By dynamically adjusting the scaling factor, the initial phase of training significantly increases the probability of the robotic arm obtaining positive samples, effectively preventing the waste of training resources caused by ineffective exploration and alleviating the issue of sparse rewards in the early stages. As the number of training iterations increases, the scaling factor gradually grows, diminishing the influence of inverse kinematics, while the proportion of randomly sampled actions markedly rises, resulting in greater randomness in the robotic arm’s action selection. Building on the sufficient number of positive samples obtained from the preliminary training, the model achieves efficient convergence optimization, progressively mastering the ability to realize path-planning in dynamic obstacle-avoidance environments.
5. Discussion
In this study, we proposed a reinforcement learning (RL)-based path-planning approach for a robotic manipulator in dynamic obstacle-avoidance tasks, integrating inverse kinematics (IK) with a dynamic exploration guidance mechanism. Path-planning under dynamic conditions involves two fundamental challenges: collision-free navigation around obstacles and successful arrival at designated targets. Due to the large and continuous nature of the state space in dynamic environments, traditional reinforcement learning approaches often require significant computational resources and extensive training iterations to deduce the state-action relationships effectively.

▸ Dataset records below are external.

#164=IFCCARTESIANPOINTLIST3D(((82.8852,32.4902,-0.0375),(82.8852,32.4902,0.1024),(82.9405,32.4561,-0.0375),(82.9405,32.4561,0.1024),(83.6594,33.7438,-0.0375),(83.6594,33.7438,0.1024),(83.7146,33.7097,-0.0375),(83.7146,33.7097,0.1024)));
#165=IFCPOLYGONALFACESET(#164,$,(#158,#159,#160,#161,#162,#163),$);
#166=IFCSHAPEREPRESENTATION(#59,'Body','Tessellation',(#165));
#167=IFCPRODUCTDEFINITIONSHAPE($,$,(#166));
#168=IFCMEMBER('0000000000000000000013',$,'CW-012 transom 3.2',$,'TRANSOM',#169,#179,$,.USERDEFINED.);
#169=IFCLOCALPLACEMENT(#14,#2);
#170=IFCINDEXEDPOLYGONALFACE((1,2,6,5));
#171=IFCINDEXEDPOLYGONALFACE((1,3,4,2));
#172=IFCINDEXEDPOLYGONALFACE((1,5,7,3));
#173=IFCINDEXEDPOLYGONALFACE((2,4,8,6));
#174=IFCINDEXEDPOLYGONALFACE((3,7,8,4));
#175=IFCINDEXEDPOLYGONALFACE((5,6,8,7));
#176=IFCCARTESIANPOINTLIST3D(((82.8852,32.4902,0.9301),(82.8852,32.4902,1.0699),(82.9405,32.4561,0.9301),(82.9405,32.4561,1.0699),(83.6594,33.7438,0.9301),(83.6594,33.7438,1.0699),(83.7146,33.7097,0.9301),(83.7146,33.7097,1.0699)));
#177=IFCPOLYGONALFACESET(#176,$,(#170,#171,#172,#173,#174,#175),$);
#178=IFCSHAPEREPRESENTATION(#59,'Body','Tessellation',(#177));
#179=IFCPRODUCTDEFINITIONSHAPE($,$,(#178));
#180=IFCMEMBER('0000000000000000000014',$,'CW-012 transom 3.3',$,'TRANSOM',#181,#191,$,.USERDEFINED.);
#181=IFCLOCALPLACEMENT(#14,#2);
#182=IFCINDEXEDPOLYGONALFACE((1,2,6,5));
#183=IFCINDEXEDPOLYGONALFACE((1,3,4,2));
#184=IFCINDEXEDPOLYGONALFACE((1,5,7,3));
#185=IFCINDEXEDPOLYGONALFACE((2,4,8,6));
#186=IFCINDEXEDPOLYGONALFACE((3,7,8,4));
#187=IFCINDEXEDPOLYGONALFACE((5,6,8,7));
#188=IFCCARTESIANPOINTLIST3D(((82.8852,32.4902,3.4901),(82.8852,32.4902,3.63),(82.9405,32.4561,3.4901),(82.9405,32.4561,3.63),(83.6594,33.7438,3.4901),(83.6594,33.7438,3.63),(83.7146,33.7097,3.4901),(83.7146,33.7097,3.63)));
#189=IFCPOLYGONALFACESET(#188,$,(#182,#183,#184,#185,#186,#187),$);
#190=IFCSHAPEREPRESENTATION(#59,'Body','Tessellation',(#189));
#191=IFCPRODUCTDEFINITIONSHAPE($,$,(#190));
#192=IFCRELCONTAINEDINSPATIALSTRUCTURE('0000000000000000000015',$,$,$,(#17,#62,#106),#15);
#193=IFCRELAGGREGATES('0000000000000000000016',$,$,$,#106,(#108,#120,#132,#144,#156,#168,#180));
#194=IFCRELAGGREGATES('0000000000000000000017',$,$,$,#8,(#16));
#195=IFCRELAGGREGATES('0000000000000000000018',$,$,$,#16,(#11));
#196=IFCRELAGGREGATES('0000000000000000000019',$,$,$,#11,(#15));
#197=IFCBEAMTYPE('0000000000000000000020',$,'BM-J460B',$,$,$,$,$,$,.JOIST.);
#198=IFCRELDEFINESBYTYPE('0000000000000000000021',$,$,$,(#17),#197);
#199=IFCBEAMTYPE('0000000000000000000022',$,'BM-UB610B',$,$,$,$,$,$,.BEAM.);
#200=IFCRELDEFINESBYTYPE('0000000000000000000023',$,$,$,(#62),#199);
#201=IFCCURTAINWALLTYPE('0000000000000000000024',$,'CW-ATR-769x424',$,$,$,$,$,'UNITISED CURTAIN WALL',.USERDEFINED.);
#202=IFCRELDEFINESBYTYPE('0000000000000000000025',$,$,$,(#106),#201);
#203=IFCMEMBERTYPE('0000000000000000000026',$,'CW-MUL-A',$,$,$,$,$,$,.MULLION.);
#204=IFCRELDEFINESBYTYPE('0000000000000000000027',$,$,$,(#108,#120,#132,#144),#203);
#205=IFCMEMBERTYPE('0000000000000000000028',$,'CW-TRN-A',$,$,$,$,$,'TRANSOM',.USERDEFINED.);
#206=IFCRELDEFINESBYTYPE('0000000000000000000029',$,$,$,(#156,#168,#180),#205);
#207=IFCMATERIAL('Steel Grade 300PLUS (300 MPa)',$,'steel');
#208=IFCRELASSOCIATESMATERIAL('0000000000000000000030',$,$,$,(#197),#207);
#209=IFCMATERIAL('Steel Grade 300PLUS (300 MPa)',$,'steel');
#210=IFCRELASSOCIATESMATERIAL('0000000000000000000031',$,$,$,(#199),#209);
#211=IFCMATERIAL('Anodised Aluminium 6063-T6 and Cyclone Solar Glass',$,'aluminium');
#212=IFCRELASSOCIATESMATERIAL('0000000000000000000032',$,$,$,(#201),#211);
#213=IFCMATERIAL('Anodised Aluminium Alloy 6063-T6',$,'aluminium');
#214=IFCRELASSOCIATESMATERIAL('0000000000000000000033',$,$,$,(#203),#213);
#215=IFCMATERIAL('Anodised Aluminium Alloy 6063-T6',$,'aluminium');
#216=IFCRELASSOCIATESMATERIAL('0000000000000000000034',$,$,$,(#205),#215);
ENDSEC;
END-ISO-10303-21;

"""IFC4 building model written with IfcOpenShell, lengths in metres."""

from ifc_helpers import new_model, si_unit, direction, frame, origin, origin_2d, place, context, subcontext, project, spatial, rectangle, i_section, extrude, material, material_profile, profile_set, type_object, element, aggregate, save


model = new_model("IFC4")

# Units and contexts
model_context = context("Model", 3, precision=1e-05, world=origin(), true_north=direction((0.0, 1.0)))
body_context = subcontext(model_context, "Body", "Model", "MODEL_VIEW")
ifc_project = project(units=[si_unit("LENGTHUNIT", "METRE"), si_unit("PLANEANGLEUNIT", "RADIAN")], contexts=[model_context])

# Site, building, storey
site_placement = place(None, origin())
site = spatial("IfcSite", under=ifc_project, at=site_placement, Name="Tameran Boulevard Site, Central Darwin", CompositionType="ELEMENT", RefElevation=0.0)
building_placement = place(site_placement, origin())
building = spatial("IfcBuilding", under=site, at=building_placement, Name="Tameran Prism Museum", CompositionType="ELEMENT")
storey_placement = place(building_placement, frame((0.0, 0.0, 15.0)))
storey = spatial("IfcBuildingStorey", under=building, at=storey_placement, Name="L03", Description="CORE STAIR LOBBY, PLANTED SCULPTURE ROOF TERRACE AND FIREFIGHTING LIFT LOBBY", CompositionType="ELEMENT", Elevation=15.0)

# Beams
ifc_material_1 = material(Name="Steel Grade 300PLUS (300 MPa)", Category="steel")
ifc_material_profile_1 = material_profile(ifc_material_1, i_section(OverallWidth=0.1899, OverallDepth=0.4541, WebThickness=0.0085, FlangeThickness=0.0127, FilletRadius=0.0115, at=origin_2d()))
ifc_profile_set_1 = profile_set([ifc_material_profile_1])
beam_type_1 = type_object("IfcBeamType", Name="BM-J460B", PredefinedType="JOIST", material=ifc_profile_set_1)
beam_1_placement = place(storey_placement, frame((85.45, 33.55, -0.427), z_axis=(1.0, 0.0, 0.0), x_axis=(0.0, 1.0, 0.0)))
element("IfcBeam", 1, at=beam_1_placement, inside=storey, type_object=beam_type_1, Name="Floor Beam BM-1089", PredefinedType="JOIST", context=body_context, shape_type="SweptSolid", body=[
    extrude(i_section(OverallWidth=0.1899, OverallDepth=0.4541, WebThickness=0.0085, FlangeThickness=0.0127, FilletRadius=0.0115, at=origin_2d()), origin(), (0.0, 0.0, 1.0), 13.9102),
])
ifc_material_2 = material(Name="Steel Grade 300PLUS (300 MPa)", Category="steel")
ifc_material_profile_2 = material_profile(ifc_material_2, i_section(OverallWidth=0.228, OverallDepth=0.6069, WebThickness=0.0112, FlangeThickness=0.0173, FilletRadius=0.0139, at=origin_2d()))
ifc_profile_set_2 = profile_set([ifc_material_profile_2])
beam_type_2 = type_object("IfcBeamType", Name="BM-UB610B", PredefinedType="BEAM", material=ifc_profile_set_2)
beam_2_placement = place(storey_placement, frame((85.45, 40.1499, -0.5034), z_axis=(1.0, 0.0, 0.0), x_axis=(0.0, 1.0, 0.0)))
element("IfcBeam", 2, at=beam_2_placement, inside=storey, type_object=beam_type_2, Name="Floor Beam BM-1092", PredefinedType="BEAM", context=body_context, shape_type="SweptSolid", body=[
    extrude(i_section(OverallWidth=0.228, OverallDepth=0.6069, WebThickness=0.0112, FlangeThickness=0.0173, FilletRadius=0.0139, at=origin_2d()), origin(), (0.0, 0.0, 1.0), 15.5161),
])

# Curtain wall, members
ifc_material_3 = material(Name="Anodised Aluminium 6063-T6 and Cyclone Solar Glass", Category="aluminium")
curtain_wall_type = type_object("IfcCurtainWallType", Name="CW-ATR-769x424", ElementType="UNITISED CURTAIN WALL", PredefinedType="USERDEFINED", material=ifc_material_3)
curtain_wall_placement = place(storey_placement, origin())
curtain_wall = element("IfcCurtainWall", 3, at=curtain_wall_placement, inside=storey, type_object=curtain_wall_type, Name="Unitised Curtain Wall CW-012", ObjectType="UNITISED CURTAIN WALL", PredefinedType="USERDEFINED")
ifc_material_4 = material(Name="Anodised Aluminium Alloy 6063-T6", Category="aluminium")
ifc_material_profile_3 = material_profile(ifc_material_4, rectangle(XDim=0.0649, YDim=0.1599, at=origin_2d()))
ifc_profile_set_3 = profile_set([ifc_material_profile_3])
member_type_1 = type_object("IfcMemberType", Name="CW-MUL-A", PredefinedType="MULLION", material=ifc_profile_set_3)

To overcome these challenges, we introduced a novel hybrid action formulation that combines the deterministic velocity output from an IK module with an adaptive compensatory action generated by a deep reinforcement learning (DRL) policy network. Specifically, this compensatory action dynamically guides the manipulator to effectively avoid obstacles while maintaining goal-directed motion. Furthermore, our method incorporates a dynamic scaling factor to adaptively modulate exploration intensity. This scaling factor rapidly increases at the early training stages, promoting effective exploration and preventing inefficient exploration, and gradually slows down in later stages to refine the manipulator’s movements and decision-making precision. Additionally, the designed adaptive reward mechanism derived from an energy function further supports effective policy training by improving the exploration–exploitation balance.

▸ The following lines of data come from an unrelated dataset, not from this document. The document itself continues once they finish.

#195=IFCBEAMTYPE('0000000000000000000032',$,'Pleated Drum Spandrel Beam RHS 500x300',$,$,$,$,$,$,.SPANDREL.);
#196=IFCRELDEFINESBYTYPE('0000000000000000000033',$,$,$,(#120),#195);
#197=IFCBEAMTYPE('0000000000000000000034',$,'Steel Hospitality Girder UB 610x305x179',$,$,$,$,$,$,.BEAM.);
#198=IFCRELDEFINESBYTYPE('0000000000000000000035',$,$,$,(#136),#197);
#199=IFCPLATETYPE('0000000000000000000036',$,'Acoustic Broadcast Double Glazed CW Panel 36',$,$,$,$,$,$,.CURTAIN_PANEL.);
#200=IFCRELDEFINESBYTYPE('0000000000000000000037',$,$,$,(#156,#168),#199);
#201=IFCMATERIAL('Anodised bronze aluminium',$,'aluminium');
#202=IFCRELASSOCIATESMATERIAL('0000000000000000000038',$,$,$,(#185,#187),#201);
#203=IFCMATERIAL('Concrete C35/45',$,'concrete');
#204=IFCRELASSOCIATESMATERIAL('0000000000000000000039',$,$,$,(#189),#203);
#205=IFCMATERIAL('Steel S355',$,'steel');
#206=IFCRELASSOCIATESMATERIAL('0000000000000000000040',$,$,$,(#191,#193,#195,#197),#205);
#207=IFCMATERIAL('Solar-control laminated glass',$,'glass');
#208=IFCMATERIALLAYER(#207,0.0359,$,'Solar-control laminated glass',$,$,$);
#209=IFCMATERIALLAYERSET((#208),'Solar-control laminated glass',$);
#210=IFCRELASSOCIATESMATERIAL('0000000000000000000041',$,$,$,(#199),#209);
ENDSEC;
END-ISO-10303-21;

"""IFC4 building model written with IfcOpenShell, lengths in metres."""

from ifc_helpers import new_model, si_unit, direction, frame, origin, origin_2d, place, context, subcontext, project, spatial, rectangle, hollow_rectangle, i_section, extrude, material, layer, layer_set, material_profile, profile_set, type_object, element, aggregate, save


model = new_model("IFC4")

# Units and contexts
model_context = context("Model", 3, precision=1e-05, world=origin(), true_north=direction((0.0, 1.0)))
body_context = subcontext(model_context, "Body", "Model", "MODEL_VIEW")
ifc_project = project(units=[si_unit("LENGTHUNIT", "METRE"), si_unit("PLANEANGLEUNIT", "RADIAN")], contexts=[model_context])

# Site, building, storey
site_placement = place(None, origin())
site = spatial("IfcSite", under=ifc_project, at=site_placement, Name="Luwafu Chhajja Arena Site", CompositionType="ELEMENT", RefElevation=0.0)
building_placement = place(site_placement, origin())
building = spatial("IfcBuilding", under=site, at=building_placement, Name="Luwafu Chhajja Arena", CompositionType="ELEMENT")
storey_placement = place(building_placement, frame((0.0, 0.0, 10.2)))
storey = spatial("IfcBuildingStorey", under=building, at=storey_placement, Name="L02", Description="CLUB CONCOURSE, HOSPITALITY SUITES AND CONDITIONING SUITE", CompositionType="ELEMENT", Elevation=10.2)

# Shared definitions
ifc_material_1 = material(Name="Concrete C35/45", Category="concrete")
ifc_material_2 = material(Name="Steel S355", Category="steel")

The effectiveness of our proposed method was clearly demonstrated through rigorous comparisons with traditional DRL algorithms. The experimental results indicate that our improved SAC algorithm achieved an average success rate of 86.65%, significantly higher than the 75.25% success rate of traditional SAC. Likewise, our improved DDPG method reached a success rate of 80.56%, markedly surpassing the traditional DDPG’s 71.33%. Moreover, the improved algorithms exhibited considerably lower reward and step variances, implying more stable and robust performance. Specifically, the improved SAC and DDPG recorded reward variances of 4.1266 and 6.6281, respectively, compared to their traditional counterparts (8.4654 and 11.8709). Step variances also decreased significantly from 20.55 to 8.27 (SAC) and from 27.57 to 11.90 (DDPG).

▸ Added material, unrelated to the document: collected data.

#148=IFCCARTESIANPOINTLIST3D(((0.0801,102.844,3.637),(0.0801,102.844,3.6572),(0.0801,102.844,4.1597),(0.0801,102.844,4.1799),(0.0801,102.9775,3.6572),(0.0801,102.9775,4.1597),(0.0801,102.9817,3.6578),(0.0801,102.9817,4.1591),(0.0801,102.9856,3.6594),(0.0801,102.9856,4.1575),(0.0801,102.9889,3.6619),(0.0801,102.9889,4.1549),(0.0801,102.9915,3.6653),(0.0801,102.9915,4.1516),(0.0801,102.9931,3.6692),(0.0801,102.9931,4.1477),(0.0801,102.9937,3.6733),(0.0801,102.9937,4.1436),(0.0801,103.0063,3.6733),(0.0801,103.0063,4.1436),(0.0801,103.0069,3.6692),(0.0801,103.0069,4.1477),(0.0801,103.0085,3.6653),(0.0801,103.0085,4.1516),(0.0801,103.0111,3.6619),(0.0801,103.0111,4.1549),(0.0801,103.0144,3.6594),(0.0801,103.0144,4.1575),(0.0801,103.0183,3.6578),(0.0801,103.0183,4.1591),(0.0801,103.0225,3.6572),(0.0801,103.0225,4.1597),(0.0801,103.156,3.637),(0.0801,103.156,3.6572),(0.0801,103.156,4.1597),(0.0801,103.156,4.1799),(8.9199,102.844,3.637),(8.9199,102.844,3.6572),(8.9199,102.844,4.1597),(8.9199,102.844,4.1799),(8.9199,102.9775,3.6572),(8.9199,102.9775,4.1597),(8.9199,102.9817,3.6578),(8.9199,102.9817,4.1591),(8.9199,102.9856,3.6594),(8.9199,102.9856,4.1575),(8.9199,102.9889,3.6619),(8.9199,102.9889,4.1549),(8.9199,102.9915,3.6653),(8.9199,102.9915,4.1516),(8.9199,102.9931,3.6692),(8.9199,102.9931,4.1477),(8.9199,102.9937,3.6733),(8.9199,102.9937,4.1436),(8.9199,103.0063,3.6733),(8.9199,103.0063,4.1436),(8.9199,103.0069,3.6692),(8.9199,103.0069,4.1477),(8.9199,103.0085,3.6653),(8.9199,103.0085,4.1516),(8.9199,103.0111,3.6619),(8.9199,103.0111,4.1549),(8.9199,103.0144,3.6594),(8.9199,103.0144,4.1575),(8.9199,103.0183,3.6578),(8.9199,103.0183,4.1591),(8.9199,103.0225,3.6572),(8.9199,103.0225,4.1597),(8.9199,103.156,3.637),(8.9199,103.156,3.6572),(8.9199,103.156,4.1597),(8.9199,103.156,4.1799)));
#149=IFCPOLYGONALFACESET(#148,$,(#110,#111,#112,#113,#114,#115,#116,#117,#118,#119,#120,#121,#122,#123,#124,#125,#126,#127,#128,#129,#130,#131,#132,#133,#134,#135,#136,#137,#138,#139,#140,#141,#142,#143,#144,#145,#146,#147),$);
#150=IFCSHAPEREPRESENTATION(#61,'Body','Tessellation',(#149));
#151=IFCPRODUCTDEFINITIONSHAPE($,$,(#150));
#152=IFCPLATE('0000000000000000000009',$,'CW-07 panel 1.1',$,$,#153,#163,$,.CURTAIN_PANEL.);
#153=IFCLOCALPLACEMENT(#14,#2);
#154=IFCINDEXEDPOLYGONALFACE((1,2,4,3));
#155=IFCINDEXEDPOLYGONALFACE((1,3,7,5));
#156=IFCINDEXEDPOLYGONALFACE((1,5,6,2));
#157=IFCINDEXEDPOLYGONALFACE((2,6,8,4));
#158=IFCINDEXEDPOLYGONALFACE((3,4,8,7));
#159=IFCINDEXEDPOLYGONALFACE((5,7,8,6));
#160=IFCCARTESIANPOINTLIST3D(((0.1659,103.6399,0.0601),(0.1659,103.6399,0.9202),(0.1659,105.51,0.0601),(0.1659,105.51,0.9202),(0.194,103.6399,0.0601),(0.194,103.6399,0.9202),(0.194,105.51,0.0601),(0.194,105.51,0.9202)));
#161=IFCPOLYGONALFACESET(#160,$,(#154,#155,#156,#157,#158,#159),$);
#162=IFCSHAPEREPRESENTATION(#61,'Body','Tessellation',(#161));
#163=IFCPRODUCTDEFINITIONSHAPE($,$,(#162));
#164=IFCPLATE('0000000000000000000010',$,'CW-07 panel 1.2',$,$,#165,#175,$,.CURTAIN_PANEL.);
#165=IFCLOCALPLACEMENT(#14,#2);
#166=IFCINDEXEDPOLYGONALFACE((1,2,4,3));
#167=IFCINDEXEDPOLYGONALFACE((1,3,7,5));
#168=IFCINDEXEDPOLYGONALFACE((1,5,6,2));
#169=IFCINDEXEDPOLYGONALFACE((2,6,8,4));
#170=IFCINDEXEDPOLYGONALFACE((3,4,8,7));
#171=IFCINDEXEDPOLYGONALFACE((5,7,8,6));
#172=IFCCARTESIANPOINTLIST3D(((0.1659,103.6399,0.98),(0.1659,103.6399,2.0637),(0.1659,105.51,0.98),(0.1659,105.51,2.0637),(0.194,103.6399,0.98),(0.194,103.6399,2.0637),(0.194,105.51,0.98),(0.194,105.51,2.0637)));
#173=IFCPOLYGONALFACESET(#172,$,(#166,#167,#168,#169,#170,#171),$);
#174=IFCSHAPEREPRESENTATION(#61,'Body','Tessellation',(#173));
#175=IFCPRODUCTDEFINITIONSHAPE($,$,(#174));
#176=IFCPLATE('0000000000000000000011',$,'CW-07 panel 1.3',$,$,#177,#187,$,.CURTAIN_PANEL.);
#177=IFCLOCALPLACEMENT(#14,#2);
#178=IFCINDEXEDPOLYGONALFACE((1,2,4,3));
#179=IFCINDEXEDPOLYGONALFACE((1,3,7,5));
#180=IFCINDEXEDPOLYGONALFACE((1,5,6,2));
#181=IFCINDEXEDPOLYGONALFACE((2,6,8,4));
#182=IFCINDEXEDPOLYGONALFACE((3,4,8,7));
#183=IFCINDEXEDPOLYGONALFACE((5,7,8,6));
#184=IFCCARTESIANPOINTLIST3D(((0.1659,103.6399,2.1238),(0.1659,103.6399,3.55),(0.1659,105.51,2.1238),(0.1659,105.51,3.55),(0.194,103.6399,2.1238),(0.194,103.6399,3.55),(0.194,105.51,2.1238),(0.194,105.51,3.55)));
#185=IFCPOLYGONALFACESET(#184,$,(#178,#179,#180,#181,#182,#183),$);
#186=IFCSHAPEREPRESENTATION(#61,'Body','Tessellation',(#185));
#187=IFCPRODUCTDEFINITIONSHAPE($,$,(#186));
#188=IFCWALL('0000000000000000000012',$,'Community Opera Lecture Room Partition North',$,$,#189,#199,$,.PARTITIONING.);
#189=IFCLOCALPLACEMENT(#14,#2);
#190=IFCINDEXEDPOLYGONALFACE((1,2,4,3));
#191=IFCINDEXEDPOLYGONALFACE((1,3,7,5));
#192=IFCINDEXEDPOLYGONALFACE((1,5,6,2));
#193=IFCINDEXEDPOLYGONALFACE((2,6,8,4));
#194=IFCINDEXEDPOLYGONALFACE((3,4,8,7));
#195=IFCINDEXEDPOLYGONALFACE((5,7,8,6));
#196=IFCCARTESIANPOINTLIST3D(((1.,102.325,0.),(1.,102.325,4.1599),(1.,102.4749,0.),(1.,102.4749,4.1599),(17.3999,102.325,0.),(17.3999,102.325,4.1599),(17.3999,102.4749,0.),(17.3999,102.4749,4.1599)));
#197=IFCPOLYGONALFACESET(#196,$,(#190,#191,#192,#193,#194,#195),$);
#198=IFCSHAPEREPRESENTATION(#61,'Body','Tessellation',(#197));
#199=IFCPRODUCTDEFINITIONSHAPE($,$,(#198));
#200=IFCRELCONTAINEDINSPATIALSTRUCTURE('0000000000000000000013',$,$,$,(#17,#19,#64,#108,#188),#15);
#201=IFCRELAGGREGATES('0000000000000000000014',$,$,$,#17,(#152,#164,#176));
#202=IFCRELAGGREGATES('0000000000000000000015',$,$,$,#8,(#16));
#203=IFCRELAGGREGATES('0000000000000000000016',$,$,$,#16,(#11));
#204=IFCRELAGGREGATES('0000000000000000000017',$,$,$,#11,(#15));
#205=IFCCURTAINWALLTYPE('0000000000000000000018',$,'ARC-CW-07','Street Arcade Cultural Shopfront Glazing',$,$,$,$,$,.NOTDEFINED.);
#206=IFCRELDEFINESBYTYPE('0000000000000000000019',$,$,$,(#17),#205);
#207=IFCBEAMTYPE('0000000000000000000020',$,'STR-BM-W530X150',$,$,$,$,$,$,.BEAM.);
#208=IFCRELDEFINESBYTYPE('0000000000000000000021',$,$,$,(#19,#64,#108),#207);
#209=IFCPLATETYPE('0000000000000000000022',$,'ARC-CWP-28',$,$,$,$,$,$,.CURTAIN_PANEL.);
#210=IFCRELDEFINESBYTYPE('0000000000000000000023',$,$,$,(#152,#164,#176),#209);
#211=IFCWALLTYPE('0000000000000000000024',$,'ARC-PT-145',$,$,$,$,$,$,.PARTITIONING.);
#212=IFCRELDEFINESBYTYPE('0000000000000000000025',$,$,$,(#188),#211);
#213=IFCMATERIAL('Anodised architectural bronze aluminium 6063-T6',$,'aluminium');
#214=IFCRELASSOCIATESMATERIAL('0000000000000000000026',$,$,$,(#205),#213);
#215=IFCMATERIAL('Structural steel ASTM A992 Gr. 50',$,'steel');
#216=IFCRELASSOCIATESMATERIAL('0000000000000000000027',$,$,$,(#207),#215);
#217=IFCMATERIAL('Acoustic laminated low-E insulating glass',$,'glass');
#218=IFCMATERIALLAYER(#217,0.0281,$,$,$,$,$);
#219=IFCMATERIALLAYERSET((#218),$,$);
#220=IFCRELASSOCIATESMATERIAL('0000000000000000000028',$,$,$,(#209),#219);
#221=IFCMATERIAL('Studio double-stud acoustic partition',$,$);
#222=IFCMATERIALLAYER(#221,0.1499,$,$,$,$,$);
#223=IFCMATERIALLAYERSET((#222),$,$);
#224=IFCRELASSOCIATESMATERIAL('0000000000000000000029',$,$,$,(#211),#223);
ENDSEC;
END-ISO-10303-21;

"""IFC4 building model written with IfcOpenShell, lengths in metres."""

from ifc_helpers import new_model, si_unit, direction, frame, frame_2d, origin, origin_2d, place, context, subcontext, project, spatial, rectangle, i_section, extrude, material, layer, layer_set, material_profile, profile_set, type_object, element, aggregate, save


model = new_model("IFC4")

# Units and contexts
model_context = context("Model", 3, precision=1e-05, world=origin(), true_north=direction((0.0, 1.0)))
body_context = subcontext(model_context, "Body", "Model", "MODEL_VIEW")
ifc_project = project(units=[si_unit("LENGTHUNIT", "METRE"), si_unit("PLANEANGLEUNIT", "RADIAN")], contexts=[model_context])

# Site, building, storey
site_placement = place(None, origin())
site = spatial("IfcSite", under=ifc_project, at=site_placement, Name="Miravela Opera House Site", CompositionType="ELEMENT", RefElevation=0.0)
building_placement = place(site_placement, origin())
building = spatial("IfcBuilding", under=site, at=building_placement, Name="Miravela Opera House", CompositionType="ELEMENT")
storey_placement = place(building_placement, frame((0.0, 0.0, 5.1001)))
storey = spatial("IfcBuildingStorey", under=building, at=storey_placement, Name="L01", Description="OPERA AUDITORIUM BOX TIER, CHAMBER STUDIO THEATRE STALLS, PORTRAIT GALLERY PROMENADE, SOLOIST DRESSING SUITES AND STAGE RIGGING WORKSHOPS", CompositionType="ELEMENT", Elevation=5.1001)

The superior performance of the proposed approach compared to traditional methods can be attributed primarily to the underlying strategy of transforming an infinite or extensive state space into a manageable finite subset. Traditional reinforcement learning methods often suffer from inefficient convergence due to their exhaustive exploration of irrelevant states, which contributes to higher variance and reduced success rates. In contrast, our dynamic exploration guidance, combined with adaptive reward-shaping and IK-based policy refinement, significantly narrows the exploration scope. This targeted approach not only accelerates convergence but also ensures more informed and precise decision-making, substantially enhancing the robot’s real-time path-planning capabilities.